Eu vou cair no clichê, mas quando você gosta do que faz, que você acredita naquela sua visão, no seu sonho, é apaixonado por aquilo, você consegue ir além e driblar os obstáculos. Sei que é muito clichê, mas eu senti isso, vivi e aprendi isso.

Em relação aos colaboradores, qual é o seu papel de líder?
O papel que procuro desempenhar como líder é o de ajudar a tomar decisão. Eu tenho um perfil de ser um pouco menos receoso, eu assumo um pouco mais de risco, e ajudo muito as equipes a tomar decisões. Acredito muito na figura do líder que permite às pessoas entregarem resultados e fazer com que aflore o melhor delas. Meu papel também é informar muito. E todo mundo sabe quanto a empresa fatura, quanto são as despesas, tratamos de tudo isso abertamente. A ideia é ter uma equipe mais consciente, que consiga tomar decisões e entender como essas decisões vão afetar o negócio. Obviamente, se eu entendo que alguma coisa também não é aderente com nossas estratégias e com nossos negócios eu também tenho o poder de ir lá, alertar, mostrar e às vezes até falar não, não é por aqui. Acho que o líder hoje é aquele que ajuda e permite que a equipe trabalhe, não é mais o super-herói que havia antigamente.

Quais são as dicas que você dá para quem está começando e pretende seguir a carreira de gestor, de executivo?

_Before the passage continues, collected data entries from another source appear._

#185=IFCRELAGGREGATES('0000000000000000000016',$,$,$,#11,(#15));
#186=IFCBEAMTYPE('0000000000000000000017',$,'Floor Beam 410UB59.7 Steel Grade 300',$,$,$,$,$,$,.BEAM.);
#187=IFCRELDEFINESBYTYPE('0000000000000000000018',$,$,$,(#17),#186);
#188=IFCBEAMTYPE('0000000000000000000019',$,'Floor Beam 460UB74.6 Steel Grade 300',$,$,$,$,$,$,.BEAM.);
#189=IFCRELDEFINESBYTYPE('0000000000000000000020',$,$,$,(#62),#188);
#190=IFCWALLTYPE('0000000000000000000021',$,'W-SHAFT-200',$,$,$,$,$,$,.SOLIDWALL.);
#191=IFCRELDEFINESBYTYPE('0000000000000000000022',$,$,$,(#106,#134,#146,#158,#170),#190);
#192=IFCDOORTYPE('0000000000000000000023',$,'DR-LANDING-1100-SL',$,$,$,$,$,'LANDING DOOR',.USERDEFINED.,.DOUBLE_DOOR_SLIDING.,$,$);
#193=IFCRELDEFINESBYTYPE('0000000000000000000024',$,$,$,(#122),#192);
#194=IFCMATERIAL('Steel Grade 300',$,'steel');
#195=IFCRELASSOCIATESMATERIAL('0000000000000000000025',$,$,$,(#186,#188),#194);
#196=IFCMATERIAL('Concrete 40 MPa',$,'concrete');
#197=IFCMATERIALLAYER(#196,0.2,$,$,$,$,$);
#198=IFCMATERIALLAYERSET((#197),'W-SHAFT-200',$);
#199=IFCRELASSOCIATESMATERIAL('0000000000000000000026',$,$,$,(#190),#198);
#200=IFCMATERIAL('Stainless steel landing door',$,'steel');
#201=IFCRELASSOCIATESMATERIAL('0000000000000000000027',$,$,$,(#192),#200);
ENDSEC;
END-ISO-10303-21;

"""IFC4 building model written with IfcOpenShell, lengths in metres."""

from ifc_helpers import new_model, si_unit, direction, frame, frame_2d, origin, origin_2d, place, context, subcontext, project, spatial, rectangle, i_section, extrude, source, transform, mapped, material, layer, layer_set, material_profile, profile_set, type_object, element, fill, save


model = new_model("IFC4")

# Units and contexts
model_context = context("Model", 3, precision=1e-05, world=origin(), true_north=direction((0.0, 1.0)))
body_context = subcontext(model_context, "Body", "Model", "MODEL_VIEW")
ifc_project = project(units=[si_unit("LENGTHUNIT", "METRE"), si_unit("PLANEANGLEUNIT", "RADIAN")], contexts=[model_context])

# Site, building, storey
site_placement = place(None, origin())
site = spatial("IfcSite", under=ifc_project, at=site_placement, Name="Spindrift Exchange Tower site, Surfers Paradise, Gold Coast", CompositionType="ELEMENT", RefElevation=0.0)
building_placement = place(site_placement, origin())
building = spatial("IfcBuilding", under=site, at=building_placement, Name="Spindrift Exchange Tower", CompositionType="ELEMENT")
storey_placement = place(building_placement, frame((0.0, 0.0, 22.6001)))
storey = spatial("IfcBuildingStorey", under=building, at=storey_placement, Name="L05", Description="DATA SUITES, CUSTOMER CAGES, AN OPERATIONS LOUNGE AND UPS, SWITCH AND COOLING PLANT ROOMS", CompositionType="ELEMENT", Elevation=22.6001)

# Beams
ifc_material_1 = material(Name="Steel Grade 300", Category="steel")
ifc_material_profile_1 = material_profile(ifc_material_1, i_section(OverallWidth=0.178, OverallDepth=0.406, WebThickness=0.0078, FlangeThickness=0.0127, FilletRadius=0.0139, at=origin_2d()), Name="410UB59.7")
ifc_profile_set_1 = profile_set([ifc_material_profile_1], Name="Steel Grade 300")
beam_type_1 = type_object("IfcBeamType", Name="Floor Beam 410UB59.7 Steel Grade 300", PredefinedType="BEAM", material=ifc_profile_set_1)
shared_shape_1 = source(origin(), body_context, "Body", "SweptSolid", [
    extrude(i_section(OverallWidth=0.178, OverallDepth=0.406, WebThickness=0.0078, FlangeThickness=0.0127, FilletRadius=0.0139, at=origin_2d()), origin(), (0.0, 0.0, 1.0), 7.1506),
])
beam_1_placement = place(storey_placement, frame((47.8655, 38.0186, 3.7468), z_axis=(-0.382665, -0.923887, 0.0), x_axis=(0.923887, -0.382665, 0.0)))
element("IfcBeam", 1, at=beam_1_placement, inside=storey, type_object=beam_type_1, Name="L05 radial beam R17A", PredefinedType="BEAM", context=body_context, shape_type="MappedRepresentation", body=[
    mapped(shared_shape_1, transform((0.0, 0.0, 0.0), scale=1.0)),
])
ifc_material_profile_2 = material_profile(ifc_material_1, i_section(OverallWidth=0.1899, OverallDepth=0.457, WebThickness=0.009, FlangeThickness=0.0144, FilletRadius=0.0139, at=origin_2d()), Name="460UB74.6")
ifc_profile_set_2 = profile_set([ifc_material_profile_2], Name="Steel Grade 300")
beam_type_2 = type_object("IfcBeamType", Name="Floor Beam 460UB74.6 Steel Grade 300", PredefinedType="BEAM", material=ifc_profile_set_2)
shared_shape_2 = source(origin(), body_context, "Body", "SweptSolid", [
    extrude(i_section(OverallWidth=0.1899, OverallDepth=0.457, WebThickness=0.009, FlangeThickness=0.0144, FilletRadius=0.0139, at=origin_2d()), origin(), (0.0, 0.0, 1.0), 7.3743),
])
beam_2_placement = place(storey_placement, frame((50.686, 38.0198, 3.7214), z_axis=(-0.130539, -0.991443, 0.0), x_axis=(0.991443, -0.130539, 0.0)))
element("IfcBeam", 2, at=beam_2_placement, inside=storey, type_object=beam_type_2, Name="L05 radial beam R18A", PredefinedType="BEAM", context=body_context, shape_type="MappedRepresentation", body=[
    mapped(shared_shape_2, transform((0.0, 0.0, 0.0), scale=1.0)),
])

Que escutem sua intuição para fazer aquilo que gostam. Porque o trabalho é grande parte de nossa vida. Eu passo mais tempo no escritório do que em casa com a minha família, com a minha mulher. E se você não fizer o que você gosta, a chance de dar errado é muito maior. Já não é fácil dar certo fazendo o que se gosta, então se não fizer o que gosta, se não tiver a paixão e o desejo, eu tenho quase certeza de que é a receita para não ter sucesso.